I bet someone here knows the logical reason (assuming there is one) for this. :-)

Okay: I love having a clear (tempered glass) lid on my pots and pan. I like to be able to monitor what's going on in the pot without having to constantly lift-and-check. My cookware is a mixture of Scanpan Classic (titanium/nonstick surface/glass lids) and various 18/10 stainless brands, some of which have lids and some do not. Some of those lids are stainless, others are glass.

Of the SS cookware, the least expensive (Farberware) is the only brand that has glass lids. The more expensive (Scanpan Steel, Henckels, Emerilware) lines have stainless lids. I see that the high-end stainless brands (AllClad, Calphalon, Demeyere, etc) all have stainless lids.

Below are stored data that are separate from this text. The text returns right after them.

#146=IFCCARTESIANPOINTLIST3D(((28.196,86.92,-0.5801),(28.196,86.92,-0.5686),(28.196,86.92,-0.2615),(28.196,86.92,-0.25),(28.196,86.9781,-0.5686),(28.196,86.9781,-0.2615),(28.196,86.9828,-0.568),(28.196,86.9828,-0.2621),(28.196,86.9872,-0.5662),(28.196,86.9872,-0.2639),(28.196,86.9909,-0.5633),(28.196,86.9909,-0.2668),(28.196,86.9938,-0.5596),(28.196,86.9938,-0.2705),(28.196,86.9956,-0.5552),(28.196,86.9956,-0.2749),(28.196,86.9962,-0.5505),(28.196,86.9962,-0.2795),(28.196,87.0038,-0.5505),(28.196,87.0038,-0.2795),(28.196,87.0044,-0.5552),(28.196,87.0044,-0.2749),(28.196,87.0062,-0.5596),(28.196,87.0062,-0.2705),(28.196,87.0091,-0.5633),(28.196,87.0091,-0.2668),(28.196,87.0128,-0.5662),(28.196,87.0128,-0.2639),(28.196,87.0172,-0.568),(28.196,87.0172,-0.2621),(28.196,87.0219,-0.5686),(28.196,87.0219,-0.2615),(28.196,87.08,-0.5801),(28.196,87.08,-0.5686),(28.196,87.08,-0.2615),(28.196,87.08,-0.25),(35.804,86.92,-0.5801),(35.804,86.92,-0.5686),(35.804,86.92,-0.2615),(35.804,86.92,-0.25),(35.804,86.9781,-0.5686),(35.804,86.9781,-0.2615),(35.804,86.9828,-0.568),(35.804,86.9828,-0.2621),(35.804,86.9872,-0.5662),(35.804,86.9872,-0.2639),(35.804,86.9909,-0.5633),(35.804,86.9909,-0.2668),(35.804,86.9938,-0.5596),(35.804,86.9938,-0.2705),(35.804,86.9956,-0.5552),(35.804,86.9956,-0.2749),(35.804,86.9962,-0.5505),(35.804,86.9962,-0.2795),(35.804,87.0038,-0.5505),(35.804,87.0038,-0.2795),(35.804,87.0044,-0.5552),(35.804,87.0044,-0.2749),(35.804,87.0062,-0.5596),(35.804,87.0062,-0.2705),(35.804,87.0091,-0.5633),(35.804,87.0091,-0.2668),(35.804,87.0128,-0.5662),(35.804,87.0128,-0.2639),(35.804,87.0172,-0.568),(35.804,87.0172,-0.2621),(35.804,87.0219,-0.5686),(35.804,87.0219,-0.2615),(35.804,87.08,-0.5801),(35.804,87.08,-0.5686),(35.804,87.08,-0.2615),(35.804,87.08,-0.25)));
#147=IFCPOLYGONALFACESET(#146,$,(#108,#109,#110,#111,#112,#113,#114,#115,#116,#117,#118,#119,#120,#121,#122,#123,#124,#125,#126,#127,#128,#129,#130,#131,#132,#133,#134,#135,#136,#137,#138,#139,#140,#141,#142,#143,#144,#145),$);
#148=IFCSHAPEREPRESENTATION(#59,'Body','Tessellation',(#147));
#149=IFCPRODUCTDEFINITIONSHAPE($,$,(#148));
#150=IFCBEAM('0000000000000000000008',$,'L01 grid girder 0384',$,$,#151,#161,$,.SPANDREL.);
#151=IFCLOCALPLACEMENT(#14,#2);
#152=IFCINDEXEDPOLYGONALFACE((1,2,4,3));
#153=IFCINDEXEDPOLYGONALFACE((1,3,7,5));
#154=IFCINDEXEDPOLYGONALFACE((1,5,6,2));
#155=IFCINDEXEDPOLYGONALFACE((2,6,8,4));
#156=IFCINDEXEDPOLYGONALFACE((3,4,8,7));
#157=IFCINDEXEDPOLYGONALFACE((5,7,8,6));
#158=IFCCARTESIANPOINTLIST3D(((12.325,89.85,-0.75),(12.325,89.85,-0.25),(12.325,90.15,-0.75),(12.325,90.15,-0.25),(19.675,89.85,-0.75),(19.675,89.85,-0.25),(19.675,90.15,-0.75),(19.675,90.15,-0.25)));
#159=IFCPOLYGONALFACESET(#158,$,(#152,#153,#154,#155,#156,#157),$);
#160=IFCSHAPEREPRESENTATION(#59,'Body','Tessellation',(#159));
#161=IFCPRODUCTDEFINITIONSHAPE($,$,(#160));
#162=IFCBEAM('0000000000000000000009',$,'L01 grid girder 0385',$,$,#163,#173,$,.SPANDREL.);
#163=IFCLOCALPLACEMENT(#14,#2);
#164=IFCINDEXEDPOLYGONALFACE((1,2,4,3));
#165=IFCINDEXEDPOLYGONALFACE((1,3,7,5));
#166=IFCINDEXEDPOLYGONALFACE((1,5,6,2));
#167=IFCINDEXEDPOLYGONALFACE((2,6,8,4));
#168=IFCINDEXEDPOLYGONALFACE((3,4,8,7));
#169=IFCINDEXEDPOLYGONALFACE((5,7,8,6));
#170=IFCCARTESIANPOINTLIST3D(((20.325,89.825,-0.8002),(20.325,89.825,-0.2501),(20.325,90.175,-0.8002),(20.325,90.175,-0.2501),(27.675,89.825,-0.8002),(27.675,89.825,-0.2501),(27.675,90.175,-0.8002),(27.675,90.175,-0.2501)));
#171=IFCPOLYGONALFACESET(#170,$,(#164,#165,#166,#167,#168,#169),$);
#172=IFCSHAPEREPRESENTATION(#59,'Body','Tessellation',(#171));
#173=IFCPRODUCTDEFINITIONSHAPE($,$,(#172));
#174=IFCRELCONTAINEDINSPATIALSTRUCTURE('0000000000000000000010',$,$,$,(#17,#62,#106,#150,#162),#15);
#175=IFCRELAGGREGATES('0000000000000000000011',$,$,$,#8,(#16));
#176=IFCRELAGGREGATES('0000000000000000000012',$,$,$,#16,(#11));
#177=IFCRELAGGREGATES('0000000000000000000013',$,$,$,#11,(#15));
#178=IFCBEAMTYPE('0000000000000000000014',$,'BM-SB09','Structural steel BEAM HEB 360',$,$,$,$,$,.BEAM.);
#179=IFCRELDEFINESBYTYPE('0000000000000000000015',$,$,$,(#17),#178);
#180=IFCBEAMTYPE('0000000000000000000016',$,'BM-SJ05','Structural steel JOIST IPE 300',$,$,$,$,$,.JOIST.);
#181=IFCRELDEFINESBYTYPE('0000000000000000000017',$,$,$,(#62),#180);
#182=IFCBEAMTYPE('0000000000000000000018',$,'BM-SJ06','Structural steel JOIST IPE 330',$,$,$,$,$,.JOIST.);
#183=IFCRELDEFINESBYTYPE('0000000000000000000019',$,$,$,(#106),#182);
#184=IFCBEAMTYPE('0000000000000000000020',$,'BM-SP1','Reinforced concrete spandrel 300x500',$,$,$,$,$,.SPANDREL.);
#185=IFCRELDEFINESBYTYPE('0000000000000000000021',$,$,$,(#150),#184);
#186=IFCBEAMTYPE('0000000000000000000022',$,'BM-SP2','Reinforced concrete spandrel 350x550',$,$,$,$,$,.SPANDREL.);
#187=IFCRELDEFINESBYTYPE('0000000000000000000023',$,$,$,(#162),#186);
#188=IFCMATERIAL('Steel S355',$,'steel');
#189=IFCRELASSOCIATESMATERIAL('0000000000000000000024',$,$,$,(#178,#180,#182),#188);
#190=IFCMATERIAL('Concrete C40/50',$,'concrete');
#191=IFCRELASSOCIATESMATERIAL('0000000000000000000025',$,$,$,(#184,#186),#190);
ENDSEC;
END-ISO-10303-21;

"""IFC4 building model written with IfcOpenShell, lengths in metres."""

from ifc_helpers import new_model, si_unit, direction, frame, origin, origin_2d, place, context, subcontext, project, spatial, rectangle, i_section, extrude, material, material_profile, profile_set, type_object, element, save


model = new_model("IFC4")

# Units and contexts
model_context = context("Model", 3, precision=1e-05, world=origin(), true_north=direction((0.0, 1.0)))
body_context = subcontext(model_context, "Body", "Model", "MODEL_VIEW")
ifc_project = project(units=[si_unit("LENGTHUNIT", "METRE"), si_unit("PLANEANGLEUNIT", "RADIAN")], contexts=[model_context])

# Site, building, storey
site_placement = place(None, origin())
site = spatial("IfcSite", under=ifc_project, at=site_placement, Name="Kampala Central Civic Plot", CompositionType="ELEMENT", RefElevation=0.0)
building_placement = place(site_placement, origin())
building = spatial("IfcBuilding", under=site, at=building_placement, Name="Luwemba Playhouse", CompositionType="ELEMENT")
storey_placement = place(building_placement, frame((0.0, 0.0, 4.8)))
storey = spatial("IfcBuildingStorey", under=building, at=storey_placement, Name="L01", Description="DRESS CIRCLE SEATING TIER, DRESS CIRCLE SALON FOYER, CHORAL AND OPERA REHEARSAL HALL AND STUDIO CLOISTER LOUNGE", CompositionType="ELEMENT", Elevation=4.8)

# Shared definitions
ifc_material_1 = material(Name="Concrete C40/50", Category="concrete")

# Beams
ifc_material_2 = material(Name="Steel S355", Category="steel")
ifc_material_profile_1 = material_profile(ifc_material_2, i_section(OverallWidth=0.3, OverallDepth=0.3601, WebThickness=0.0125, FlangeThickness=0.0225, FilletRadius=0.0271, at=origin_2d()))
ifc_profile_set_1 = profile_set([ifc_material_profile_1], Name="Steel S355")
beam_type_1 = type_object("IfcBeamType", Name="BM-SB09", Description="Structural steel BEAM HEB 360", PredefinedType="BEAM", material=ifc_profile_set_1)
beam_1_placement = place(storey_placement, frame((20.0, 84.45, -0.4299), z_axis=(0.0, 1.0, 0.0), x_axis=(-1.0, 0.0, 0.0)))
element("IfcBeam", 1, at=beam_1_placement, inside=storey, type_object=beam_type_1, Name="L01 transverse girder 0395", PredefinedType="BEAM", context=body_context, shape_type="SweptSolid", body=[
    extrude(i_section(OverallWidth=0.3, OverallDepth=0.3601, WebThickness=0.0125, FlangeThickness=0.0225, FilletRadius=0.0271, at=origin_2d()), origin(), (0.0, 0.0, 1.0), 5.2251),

So here's my question: Is there a FUNCTIONAL (techie) reason that stainless cookware SHOULD have a SS, rather than a tempered glass, lid? If so, what is it? If a SS lid is "better" (in terms of how things cook in said pan or pot) than a glass one, then how and why?

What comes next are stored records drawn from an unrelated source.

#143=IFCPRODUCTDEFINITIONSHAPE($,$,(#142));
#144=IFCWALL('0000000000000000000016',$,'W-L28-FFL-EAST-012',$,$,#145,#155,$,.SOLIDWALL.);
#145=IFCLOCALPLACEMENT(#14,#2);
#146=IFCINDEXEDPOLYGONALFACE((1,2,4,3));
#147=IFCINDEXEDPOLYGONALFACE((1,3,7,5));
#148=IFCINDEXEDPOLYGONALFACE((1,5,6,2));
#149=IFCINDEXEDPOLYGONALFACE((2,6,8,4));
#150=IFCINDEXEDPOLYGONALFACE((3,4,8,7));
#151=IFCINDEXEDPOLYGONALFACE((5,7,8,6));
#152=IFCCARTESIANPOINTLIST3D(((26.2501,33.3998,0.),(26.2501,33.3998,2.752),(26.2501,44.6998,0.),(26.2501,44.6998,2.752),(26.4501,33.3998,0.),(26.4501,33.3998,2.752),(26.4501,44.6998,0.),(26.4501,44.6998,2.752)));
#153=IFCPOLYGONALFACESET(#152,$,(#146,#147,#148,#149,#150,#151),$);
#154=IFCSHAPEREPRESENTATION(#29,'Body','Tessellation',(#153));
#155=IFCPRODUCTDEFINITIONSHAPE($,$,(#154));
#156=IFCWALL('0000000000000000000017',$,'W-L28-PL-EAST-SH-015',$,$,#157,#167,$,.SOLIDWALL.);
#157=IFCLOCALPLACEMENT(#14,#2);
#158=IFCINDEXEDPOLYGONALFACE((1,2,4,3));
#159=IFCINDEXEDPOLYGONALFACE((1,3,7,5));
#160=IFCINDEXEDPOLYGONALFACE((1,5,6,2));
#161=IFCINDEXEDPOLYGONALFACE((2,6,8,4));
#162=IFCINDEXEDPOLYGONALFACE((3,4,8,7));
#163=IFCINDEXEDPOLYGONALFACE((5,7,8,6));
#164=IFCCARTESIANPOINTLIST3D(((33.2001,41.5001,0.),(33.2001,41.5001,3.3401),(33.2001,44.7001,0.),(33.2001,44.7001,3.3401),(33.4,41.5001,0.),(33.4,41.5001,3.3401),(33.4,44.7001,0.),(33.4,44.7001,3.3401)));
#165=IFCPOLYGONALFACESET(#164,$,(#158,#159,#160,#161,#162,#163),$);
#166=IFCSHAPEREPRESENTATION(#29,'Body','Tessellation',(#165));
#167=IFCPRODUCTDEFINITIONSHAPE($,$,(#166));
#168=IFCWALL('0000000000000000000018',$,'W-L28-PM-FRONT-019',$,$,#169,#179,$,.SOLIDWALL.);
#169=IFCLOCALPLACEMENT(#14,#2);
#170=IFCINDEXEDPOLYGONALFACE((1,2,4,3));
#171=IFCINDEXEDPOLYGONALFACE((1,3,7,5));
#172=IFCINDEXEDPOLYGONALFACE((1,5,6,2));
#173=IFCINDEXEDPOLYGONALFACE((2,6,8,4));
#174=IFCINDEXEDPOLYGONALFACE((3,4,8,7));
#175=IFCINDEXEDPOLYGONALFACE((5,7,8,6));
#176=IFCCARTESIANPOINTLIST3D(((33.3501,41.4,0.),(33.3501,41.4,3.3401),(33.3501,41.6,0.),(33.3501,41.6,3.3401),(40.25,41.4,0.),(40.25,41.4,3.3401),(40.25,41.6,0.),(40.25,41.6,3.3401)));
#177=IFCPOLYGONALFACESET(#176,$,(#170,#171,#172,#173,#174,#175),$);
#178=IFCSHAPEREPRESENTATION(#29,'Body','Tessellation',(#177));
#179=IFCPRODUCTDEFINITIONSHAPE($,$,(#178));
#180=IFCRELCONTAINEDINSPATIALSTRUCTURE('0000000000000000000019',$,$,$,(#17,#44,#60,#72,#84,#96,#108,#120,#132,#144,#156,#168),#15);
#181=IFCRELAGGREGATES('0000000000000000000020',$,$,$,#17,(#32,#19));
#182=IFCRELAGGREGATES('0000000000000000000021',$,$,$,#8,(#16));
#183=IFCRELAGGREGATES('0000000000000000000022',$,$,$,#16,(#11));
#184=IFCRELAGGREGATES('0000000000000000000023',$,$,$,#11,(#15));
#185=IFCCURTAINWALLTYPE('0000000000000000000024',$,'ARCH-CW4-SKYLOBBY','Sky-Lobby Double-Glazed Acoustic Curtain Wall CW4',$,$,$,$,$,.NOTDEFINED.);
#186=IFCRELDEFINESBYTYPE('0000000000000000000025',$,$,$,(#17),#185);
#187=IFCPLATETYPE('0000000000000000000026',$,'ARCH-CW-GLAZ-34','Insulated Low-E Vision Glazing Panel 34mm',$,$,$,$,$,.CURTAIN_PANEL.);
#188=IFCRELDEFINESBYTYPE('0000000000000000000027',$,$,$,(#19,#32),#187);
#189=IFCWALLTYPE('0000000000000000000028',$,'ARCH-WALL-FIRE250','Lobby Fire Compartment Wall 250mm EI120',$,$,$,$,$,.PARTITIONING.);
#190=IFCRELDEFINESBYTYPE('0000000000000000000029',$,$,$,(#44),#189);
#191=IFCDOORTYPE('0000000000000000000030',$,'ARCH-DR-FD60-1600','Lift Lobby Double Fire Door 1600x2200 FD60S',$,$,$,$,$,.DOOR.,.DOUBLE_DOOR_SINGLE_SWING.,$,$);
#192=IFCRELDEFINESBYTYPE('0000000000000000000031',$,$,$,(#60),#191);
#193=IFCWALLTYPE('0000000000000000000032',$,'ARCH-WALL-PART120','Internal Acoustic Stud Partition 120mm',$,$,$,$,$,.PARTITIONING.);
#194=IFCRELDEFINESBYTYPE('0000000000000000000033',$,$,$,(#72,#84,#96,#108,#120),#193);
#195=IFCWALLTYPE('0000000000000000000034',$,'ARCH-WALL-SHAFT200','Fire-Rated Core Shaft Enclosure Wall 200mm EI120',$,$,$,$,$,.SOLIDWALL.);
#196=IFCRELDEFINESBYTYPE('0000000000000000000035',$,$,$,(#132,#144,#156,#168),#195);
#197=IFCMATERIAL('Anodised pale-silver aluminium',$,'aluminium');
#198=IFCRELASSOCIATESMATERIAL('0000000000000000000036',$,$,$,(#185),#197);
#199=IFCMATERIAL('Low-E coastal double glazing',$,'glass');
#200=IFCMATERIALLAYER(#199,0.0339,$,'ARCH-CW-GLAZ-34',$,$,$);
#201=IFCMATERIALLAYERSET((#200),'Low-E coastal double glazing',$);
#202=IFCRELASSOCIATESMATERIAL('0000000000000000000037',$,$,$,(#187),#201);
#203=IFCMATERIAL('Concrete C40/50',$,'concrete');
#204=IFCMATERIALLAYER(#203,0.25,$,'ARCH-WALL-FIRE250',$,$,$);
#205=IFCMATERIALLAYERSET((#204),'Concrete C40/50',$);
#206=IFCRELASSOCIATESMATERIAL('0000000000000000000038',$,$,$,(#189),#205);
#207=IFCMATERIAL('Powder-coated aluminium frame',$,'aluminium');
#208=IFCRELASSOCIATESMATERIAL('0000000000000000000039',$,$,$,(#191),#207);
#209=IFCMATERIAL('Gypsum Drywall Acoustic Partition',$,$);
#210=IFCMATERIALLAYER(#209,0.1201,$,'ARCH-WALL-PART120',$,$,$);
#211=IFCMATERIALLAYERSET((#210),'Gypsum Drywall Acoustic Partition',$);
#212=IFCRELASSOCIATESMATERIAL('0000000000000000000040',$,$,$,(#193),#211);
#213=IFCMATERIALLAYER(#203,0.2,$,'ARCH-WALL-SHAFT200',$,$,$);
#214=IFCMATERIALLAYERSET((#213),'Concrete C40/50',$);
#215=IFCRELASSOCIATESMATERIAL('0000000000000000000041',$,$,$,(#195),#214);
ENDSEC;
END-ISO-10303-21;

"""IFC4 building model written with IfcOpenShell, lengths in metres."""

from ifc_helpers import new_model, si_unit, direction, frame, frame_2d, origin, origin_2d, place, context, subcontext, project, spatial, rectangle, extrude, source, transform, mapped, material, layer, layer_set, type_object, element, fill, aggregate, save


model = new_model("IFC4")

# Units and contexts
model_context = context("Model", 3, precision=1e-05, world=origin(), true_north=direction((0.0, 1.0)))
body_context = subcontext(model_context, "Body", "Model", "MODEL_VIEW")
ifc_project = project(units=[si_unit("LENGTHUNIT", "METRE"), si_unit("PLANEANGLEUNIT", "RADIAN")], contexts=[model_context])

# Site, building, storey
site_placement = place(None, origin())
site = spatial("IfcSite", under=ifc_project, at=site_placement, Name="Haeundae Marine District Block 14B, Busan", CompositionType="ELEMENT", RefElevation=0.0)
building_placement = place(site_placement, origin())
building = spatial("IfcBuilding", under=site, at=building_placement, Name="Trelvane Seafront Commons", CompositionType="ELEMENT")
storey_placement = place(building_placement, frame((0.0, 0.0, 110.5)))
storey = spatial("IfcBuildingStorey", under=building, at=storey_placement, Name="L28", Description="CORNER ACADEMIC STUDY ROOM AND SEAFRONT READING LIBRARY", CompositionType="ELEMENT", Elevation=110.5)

If there's no functional difference, then is it simply a matter of marketplace-trendy appearance, or (cynic that I am, LOL) do manufacturers feel that a SS lid is more likely to support a higher pricepoint for the pan than a glass lid would?

IMHO it's annoying that the range of good SS cookware with glass lids is so limited. But as everyone knows I'm a PITA about handles and lids. ;)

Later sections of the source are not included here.